Non nascondere la debolezza, ma costruirci sopra

Ci vuole un giorno come il Lunedì dell’Angelo, Pasquetta, per cogliere un invito e uscire dal guscio.

Ci sono posti da niente, paesini a mezza costa sopra il lago, panorami che sono tavolozze ancora incerte, con la primavera che esita, prima di pennellare a tinte decise il paesaggio.

Ci sono persone autentiche, che sanno di buono, come il pane che impastano o le parole che condiscono di sorrisi (e dopo dieci minuti ti senti già a casa, e non ripartiresti mai).

Ci sono modi semplici, fatti di niente, per capire quanto siano pigiate le nostre case, le nostre agende, le nostre vite. Quanta ragione abbia quell’uomo saggio che è Gigi Verdi, quando dice che i nostri ritmi veloci e folli sono impossibili da reggere, e che troppo spesso un sogno, un desiderio viene subito scacciato da un altro, senza che ci sia lasciato neppure il tempo di coltivarlo.

Ci vogliono soste, e oasi, nelle quali uscire di casa, allargare lo sguardo, rallentare il respiro. Guardare da lontano – e con benevolenza, con tenera compassione – il fardello delle tante pre-occupazioni che ci carichiamo sulle spalle. Ogni giorno, ogni mattina appena svegli. Pronti a riprendere la lotta contro le mille avversità, i problemi, i rumori, le città. Che saturano gli spazi, mozzano i respiri, disarticolano l’armonia. E ci fanno ammalare. Ci tolgono il sorriso. Ci fanno cadere le braccia, digrignare i denti. Proferire orribili maledizioni all’indirizzo dell’ennesimo sabotatore della nostra personalissima – e tanto agognata – idea di felicità.

Tornare a essere monaci, unificati, nelle città: è questa la consegna che ho sentito dare da Gigi, Luigi Verdi, in tanti incontri, a Milano e a Romena.
E’ possibile, ma occorrono dolcezza, pazienza, silenzio. Spazi per sé e per accogliere le altre persone. Tempo vuoto, stimoli col volume ridotto al minimo. Un fazzoletto di natura vicino, una fonte di sorrisi, una scorta di bellezza per il cuore.

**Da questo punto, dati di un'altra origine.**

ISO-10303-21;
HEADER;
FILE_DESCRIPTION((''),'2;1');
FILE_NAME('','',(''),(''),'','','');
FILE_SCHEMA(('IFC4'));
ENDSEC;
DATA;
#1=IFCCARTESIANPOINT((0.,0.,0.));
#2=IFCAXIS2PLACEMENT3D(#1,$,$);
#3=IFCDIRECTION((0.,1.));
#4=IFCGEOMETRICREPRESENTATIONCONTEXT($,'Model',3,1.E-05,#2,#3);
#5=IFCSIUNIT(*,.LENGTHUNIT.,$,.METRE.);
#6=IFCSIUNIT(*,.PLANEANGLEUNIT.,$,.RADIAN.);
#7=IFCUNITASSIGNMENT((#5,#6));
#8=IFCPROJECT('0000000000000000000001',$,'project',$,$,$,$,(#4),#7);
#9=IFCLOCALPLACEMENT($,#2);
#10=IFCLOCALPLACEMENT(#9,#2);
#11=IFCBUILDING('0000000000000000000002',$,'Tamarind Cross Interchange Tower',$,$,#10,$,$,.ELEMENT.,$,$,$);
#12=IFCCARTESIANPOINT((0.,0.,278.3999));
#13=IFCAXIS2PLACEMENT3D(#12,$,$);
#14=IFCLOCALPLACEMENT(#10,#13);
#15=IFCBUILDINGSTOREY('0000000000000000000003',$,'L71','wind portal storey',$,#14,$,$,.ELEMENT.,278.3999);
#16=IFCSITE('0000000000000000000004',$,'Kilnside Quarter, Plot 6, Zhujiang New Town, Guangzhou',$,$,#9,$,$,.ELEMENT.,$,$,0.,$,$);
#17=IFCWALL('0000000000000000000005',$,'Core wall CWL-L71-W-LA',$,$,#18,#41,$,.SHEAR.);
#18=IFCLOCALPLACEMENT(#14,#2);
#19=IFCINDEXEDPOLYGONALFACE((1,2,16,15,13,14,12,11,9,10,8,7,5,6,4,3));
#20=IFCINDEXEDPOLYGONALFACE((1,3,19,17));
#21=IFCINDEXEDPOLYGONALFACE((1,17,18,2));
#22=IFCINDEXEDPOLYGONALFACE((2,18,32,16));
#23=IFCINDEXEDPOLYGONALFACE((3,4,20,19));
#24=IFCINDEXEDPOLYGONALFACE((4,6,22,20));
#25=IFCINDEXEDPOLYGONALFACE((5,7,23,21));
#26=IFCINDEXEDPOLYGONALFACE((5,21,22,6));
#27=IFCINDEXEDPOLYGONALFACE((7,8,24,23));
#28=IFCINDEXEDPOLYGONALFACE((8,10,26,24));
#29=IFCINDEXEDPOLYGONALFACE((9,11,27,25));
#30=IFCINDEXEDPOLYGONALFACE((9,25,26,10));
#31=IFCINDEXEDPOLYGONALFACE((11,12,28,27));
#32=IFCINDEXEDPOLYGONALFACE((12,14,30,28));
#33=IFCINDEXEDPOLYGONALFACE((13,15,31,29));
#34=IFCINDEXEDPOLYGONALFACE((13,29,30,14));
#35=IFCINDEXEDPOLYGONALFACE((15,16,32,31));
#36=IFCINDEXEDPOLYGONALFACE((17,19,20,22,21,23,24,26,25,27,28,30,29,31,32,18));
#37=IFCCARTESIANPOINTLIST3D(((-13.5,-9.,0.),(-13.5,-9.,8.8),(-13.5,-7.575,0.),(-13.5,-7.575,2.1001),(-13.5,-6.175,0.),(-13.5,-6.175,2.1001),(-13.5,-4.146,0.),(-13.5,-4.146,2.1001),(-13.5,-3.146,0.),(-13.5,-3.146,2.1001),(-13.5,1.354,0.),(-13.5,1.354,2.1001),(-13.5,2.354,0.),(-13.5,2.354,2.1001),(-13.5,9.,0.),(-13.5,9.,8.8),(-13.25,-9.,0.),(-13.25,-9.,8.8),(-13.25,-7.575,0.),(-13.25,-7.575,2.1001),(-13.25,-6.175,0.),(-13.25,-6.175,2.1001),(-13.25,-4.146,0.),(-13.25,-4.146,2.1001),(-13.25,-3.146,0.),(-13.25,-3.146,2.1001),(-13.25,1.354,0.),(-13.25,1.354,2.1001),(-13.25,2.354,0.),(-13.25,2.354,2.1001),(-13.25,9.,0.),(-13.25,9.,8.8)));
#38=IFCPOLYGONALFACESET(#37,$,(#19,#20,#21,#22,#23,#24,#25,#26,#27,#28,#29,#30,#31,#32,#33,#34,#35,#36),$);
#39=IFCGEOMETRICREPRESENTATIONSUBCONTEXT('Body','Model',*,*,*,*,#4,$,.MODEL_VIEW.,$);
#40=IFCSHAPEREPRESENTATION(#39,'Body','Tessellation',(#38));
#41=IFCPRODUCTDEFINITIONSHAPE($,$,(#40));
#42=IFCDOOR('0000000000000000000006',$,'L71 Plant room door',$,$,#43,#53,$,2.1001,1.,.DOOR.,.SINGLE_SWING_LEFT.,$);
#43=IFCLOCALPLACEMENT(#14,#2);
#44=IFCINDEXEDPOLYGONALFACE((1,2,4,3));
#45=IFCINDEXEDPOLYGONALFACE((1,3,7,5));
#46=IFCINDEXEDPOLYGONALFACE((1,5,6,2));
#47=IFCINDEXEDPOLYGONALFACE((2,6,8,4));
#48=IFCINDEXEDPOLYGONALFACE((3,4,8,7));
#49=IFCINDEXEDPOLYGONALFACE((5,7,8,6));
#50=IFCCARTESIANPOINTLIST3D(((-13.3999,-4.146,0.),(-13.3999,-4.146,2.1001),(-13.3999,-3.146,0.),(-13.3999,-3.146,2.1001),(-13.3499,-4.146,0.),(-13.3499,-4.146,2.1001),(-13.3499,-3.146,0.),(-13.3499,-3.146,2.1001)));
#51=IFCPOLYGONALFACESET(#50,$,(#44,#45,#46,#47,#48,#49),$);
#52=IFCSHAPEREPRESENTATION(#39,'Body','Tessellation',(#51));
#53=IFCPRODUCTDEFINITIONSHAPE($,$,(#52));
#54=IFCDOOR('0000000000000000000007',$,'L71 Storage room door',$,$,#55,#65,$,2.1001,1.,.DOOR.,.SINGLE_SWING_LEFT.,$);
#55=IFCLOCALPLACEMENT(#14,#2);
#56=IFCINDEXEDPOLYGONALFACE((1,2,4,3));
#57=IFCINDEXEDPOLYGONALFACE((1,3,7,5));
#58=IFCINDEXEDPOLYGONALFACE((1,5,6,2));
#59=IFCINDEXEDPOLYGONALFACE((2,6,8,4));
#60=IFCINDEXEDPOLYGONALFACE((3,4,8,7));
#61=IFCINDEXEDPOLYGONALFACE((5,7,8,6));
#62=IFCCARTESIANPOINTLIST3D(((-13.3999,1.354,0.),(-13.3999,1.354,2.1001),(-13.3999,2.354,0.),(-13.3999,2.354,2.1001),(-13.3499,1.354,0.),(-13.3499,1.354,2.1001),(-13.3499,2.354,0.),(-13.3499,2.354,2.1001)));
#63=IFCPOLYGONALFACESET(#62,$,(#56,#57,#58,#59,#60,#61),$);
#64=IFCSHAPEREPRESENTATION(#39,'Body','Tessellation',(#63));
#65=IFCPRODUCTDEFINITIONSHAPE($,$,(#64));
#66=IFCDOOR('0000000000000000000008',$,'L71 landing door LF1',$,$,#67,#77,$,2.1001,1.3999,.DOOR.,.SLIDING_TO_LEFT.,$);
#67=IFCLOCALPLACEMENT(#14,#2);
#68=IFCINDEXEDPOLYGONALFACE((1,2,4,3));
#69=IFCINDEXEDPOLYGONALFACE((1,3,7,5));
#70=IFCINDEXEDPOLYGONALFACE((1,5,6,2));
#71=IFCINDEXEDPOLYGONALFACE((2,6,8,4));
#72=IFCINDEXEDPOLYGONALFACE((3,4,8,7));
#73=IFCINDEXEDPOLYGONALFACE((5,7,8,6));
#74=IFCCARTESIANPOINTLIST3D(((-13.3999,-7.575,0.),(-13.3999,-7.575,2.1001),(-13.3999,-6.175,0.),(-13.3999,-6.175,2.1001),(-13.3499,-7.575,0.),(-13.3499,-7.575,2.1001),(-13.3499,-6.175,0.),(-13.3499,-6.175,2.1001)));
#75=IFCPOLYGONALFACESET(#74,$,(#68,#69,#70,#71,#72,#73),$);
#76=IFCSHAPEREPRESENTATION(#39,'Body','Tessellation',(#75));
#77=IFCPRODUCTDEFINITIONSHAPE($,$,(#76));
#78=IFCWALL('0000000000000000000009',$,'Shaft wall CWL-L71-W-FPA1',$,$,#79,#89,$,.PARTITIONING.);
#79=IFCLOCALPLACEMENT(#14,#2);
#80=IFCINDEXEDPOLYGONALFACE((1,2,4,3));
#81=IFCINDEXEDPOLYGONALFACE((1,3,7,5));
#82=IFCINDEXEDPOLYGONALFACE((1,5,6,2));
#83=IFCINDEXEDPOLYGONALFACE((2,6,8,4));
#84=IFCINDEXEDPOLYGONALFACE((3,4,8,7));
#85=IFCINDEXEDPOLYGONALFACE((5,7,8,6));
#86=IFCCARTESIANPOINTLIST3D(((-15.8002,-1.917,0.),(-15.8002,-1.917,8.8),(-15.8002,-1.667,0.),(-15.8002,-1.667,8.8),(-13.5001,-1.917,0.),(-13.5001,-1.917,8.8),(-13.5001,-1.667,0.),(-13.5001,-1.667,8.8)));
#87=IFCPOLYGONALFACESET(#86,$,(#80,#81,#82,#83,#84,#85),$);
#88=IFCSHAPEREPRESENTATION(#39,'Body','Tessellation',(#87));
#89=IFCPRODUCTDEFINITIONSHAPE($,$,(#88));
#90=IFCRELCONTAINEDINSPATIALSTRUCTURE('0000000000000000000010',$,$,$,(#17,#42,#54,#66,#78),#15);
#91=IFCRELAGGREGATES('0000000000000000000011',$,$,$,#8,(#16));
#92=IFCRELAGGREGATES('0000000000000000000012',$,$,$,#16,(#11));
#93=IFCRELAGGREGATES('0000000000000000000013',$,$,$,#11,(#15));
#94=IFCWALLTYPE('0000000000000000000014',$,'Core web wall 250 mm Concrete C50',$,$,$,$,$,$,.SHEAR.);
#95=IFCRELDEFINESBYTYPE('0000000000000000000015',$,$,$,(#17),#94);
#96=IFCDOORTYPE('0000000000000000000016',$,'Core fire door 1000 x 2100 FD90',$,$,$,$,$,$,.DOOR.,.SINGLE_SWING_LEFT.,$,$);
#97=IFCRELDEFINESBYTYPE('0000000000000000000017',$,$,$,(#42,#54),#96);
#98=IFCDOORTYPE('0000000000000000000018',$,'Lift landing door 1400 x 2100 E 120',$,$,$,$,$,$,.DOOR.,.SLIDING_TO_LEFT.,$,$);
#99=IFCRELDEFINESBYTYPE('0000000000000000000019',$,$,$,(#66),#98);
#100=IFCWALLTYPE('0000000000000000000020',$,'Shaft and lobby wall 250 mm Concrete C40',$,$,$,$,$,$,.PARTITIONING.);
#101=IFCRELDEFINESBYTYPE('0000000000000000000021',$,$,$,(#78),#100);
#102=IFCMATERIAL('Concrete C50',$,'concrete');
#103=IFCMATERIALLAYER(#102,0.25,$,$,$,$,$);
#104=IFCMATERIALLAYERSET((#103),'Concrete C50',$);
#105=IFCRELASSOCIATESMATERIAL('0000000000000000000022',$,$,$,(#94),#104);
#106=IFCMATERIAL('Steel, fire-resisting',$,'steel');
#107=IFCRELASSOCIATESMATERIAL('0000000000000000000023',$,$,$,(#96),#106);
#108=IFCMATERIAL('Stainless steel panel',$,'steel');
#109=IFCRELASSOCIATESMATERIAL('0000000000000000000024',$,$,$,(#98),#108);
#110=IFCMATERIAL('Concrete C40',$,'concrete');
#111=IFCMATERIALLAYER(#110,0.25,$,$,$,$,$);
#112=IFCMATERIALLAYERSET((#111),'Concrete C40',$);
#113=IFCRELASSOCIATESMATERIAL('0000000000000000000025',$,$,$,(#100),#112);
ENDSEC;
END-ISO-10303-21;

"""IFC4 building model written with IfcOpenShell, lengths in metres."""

from ifc_helpers import new_model, si_unit, direction, frame, frame_2d, origin, place, context, subcontext, project, spatial, rectangle, extrude, material, layer, layer_set, type_object, element, fill, save


model = new_model("IFC4")

# Units and contexts
model_context = context("Model", 3, precision=1e-05, world=origin(), true_north=direction((0.0, 1.0)))
body_context = subcontext(model_context, "Body", "Model", "MODEL_VIEW")
ifc_project = project(units=[si_unit("LENGTHUNIT", "METRE"), si_unit("PLANEANGLEUNIT", "RADIAN")], contexts=[model_context])

# Site, building, storey
site_placement = place(None, origin())
site = spatial("IfcSite", under=ifc_project, at=site_placement, Name="Kilnside Quarter, Plot 6, Zhujiang New Town, Guangzhou", CompositionType="ELEMENT", RefElevation=0.0)
building_placement = place(site_placement, origin())
building = spatial("IfcBuilding", under=site, at=building_placement, Name="Tamarind Cross Interchange Tower", CompositionType="ELEMENT")
storey_placement = place(building_placement, frame((0.0, 0.0, 278.3999)))
storey = spatial("IfcBuildingStorey", under=building, at=storey_placement, Name="L71", Description="wind portal storey", CompositionType="ELEMENT", Elevation=278.3999)

# Wall, openings, doors
ifc_material_1 = material(Name="Concrete C50", Category="concrete")
ifc_material_2 = material(Name="Steel, fire-resisting", Category="steel")
ifc_layer_1 = layer(ifc_material_1, 0.25)
ifc_layer_set_1 = layer_set([ifc_layer_1], Name="Concrete C50")
wall_type_1 = type_object("IfcWallType", Name="Core web wall 250 mm Concrete C50", PredefinedType="SHEAR", material=ifc_layer_set_1)
wall_1_placement = place(storey_placement, frame((-13.375, -9.0, 0.0), z_axis=(0.0, 0.0, 1.0), x_axis=(0.0, 1.0, 0.0)))
wall_1 = element("IfcWall", 1, at=wall_1_placement, inside=storey, type_object=wall_type_1, Name="Core wall CWL-L71-W-LA", PredefinedType="SHEAR", context=body_context, shape_type="SweptSolid", body=[
    extrude(rectangle(XDim=18.0, YDim=0.25, at=frame_2d((9.0, 0.0))), origin(), (0.0, 0.0, 1.0), 8.8),
])
opening_1_placement = place(wall_1_placement, frame((1.425, 0.0, 0.0)))
opening_1 = element("IfcOpeningElement", 2, at=opening_1_placement, cuts=wall_1, PredefinedType="OPENING", context=body_context, shape_type="SweptSolid", body=[
    extrude(rectangle(XDim=1.3999, YDim=2.1001, at=frame_2d((0.7, 1.05))), frame((0.0, 0.135, 0.0), z_axis=(0.0, -1.0, 0.0), x_axis=(1.0, 0.0, 0.0)), (0.0, 0.0, 1.0), 0.27),
])
opening_2_placement = place(wall_1_placement, frame((4.854, 0.0, 0.0)))
opening_2 = element("IfcOpeningElement", 3, at=opening_2_placement, cuts=wall_1, PredefinedType="OPENING", context=body_context, shape_type="SweptSolid", body=[
    extrude(rectangle(XDim=1.0, YDim=2.1001, at=frame_2d((0.5, 1.05))), frame((0.0, 0.135, 0.0), z_axis=(0.0, -1.0, 0.0), x_axis=(1.0, 0.0, 0.0)), (0.0, 0.0, 1.0), 0.27),
])
opening_3_placement = place(wall_1_placement, frame((10.354, 0.0, 0.0)))
opening_3 = element("IfcOpeningElement", 4, at=opening_3_placement, cuts=wall_1, PredefinedType="OPENING", context=body_context, shape_type="SweptSolid", body=[
    extrude(rectangle(XDim=1.0, YDim=2.1001, at=frame_2d((0.5, 1.05))), frame((0.0, 0.135, 0.0), z_axis=(0.0, -1.0, 0.0), x_axis=(1.0, 0.0, 0.0)), (0.0, 0.0, 1.0), 0.27),
])
door_type_1 = type_object("IfcDoorType", Name="Core fire door 1000 x 2100 FD90", OperationType="SINGLE_SWING_LEFT", PredefinedType="DOOR", material=ifc_material_2)
door_1_placement = place(opening_2_placement, origin())
door_1 = element("IfcDoor", 5, at=door_1_placement, inside=storey, type_object=door_type_1, Name="L71 Plant room door", OperationType="SINGLE_SWING_LEFT", OverallHeight=2.1001, OverallWidth=1.0, PredefinedType="DOOR", context=body_context, shape_type="SweptSolid", body=[
    extrude(rectangle(XDim=1.0, YDim=2.1001, at=frame_2d((0.5, 1.05))), frame((0.0, 0.0249, 0.0), z_axis=(0.0, -1.0, 0.0), x_axis=(1.0, 0.0, 0.0)), (0.0, 0.0, 1.0), 0.05),
])
fill(opening_2, door_1)
door_2_placement = place(opening_3_placement, origin())
door_2 = element("IfcDoor", 6, at=door_2_placement, inside=storey, type_object=door_type_1, Name="L71 Storage room door", OperationType="SINGLE_SWING_LEFT", OverallHeight=2.1001, OverallWidth=1.0, PredefinedType="DOOR", context=body_context, shape_type="SweptSolid", body=[
    extrude(rectangle(XDim=1.0, YDim=2.1001, at=frame_2d((0.5, 1.05))), frame((0.0, 0.0249, 0.0), z_axis=(0.0, -1.0, 0.0), x_axis=(1.0, 0.0, 0.0)), (0.0, 0.0, 1.0), 0.05),
])
fill(opening_3, door_2)
ifc_material_3 = material(Name="Stainless steel panel", Category="steel")
door_type_2 = type_object("IfcDoorType", Name="Lift landing door 1400 x 2100 E 120", OperationType="SLIDING_TO_LEFT", PredefinedType="DOOR", material=ifc_material_3)
door_3_placement = place(opening_1_placement, origin())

In questi tempi precari, di molte paure e assai poche certezze, credo che ci potremo salvare solo così: restando umani, tornando ad avere sensibilità, attenzione per l’altro. Alzando lo sguardo verso il verde, l’azzurro. Restando in contatto con la terra. Ricominciando daccapo ogni giorno, con la pazienza dei contadini. Non nascondendo la nostra debolezza, ma costruendoci sopra. E lasciando che i folli strasicuri di sé continuino da soli la loro corsa forsennata verso il nulla.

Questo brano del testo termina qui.